The Story of Copper Labs: Revolutionizing Grid Modernization Through Real-Time Data
Sometimes the most transformative companies start with the simplest questions. For Copper Labs’ technical co-founder, it was trying to understand his own electric usage. In a recent episode of Category Visionaries, CEO Dan Forman shared how this personal curiosity spawned a company that’s now challenging decades of assumptions about grid modernization.
From Personal Problem to Technical Innovation
The story begins with a simple inquiry. “After he’d sold his last company, he was trying to figure out how to understand his electric usage and went so far as to call the utility,” Dan explained. The utility’s response? “They said, ‘we’ll go outside and look at that little wheel spin on your meter.'”
For a technical expert with decades of experience solving complex wireless problems in the energy space, this answer wasn’t good enough. Instead of accepting the status quo, he developed a wireless solution that would unlock what was already there but ignored by the industry.
“Meters are already broadcasting usage data almost all the time,” Dan revealed. “It’s just that in some cases, a truck will drive by to get it once a month. In other cases, a utility will bring it back over a latent mesh network.” This insight became the foundation of Copper Labs’ approach to grid modernization.
Challenging Industry Assumptions
What makes Copper Labs’ story particularly interesting is how they’ve challenged fundamental industry assumptions. While established vendors push utilities toward complete infrastructure replacement, Copper Labs discovered a way to extract more value from existing assets.
“The whole market thinks you either have to replace the meter or strap on some really expensive hardware with AI chips,” Dan explained. But their technical innovation proved otherwise: “We’ve got machine learning algorithms that figure out how to read the targeted meters down to near real time overnight using really low cost hardware.”
The Cultural Transformation Challenge
Like many transformative companies, Copper Labs quickly realized their biggest challenge wasn’t technical – it was cultural. “It takes some cultural transformation in the market to help people understand that there is a better way to do these things,” Dan noted.
This led to an unconventional approach for a Series A startup: investing heavily in regulatory affairs and market education. “For a startup of our size to have to invest so heavily in doing things like that is atypical. You wouldn’t do that in most markets, but in a regulated utility market, it’s table stakes,” Dan shared.
Building Credibility in a Conservative Market
Instead of fighting the utility sector’s conservative nature, Copper Labs embraced it. They focused on becoming ubiquitous in the industry, attending 26 conferences this year alone. The strategy paid off: “The anecdote coming back has been Copper’s everywhere. We’re seeing you everywhere,” Dan revealed.
Their approach to challenging industry norms while maintaining credibility led to what Dan calls being “respectfully provocative.” This balance helped them achieve significant wins, including bringing National Grid on as both a major customer and investor.
The Vision for the Future
Looking ahead, Copper Labs’ ambitions extend far beyond just modernizing meter reading. They’re focused on helping utilities prepare for the fundamental changes coming to the grid. “Looking out three to five years, I hope that Copper is seen as the company that came along, raised its hand at a time that it was desperately needed, and brought a new solution that helped us actually get ahead of problems,” Dan explained.
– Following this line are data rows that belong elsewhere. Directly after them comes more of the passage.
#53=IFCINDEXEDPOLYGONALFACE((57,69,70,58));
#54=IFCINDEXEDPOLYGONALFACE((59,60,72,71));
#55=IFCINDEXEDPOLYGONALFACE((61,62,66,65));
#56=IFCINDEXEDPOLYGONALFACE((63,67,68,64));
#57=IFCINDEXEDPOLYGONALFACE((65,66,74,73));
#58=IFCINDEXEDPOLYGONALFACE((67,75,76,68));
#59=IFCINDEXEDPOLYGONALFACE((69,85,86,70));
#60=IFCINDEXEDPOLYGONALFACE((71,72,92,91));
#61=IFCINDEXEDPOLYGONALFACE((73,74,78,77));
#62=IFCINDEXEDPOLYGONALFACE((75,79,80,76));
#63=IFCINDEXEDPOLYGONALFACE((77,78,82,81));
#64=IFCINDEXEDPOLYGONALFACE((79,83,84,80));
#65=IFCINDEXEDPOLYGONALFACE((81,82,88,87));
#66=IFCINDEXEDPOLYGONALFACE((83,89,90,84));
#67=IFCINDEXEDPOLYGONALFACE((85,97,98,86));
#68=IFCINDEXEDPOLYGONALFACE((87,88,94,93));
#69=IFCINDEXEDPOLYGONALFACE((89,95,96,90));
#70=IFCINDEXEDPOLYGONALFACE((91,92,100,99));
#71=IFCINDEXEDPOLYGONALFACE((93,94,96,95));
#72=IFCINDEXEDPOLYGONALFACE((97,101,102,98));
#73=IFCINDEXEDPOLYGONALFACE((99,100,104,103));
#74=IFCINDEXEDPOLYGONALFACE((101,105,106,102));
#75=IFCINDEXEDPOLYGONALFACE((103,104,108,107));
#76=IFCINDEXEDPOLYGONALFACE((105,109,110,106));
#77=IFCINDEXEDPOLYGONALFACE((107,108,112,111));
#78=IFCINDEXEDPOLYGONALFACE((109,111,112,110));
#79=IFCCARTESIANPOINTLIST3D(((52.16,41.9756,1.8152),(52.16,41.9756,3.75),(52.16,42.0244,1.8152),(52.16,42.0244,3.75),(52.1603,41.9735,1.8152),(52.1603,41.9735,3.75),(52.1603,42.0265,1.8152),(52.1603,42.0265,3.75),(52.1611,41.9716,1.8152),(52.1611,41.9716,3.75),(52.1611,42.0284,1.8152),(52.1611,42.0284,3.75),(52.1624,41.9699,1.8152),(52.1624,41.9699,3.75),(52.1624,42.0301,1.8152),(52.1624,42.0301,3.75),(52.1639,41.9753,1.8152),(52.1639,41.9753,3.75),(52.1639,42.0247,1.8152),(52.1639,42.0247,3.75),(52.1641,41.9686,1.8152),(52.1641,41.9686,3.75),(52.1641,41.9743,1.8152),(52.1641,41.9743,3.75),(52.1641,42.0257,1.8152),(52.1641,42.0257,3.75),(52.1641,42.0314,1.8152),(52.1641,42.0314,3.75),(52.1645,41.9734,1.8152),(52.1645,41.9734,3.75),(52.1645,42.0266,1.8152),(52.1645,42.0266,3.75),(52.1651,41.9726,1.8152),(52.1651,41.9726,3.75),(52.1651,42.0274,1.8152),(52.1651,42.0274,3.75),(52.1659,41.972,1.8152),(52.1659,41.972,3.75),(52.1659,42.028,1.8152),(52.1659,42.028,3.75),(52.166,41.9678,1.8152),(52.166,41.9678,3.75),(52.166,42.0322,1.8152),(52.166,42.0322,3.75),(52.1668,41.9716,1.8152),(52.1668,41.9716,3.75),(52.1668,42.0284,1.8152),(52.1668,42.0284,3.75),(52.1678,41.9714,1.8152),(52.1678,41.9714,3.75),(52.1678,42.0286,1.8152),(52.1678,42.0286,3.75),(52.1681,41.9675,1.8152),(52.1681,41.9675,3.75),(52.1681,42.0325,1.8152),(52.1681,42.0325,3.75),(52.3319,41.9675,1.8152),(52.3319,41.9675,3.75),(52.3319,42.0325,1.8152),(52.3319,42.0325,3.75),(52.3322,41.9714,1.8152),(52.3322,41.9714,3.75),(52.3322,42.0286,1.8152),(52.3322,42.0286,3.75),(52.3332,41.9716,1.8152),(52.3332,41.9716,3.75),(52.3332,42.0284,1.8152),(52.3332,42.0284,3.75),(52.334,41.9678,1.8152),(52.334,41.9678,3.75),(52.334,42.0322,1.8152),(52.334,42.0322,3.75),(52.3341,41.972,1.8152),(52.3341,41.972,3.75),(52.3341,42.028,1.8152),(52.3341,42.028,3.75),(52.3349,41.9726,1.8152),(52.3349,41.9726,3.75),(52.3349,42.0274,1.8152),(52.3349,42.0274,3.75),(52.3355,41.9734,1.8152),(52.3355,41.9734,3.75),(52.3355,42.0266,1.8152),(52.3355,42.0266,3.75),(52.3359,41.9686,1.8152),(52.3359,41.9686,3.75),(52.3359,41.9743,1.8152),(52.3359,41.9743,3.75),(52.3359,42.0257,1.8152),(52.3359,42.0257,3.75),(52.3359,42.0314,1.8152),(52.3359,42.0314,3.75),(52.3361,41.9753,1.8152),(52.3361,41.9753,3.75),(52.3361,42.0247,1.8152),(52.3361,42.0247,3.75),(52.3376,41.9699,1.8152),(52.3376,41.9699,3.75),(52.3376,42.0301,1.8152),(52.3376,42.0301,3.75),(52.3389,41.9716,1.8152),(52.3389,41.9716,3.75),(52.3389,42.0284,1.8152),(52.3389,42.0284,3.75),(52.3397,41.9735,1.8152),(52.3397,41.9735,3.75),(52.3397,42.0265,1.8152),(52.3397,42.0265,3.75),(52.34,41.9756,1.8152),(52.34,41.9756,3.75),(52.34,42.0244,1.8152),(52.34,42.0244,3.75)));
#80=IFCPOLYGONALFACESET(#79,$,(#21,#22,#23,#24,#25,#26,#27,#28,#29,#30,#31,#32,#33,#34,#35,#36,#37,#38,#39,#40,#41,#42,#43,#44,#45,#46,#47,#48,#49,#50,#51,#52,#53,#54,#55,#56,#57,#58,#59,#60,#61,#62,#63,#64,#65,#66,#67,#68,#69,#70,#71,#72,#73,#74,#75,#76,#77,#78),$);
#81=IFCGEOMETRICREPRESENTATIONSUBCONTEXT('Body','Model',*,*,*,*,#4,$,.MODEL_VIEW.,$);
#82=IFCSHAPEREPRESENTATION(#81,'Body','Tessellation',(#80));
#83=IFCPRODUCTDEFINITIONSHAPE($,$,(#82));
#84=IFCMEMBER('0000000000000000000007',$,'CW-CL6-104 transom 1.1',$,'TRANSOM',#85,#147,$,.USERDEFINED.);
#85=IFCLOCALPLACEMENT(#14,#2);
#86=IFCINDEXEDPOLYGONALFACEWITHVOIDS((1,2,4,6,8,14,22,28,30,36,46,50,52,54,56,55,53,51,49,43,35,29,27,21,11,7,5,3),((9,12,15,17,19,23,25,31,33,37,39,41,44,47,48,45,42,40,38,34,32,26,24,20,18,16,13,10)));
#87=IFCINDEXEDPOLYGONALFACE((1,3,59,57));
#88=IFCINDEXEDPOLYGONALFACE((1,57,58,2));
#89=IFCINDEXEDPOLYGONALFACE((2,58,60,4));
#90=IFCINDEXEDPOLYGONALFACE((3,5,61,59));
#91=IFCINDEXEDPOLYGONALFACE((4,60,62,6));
The stakes are significant. As Dan points out, “If you think about the electric grid here in the US, we have more outages than any developed country in the world. On the water side, we’re wasting something like 900 billion gallons a year just through easily addressable residential water leaks.”
Their ultimate goal is to help prepare utilities for the massive transformation ahead. “I want Copper to be the company that helped prepare the utilities and this broader industry for that coming change,” Dan shared. It’s a vision that goes beyond just building a successful company – it’s about helping modernize critical infrastructure when it’s needed most.
For founders taking on established industries, Copper Labs’ story offers an important lesson: sometimes the biggest opportunities lie not in creating new technology, but in finding clever ways to unlock value from what’s already there. As Dan puts it, they’re working to “shift the narrative” and encourage people to “ask new and better questions” about long-standing challenges.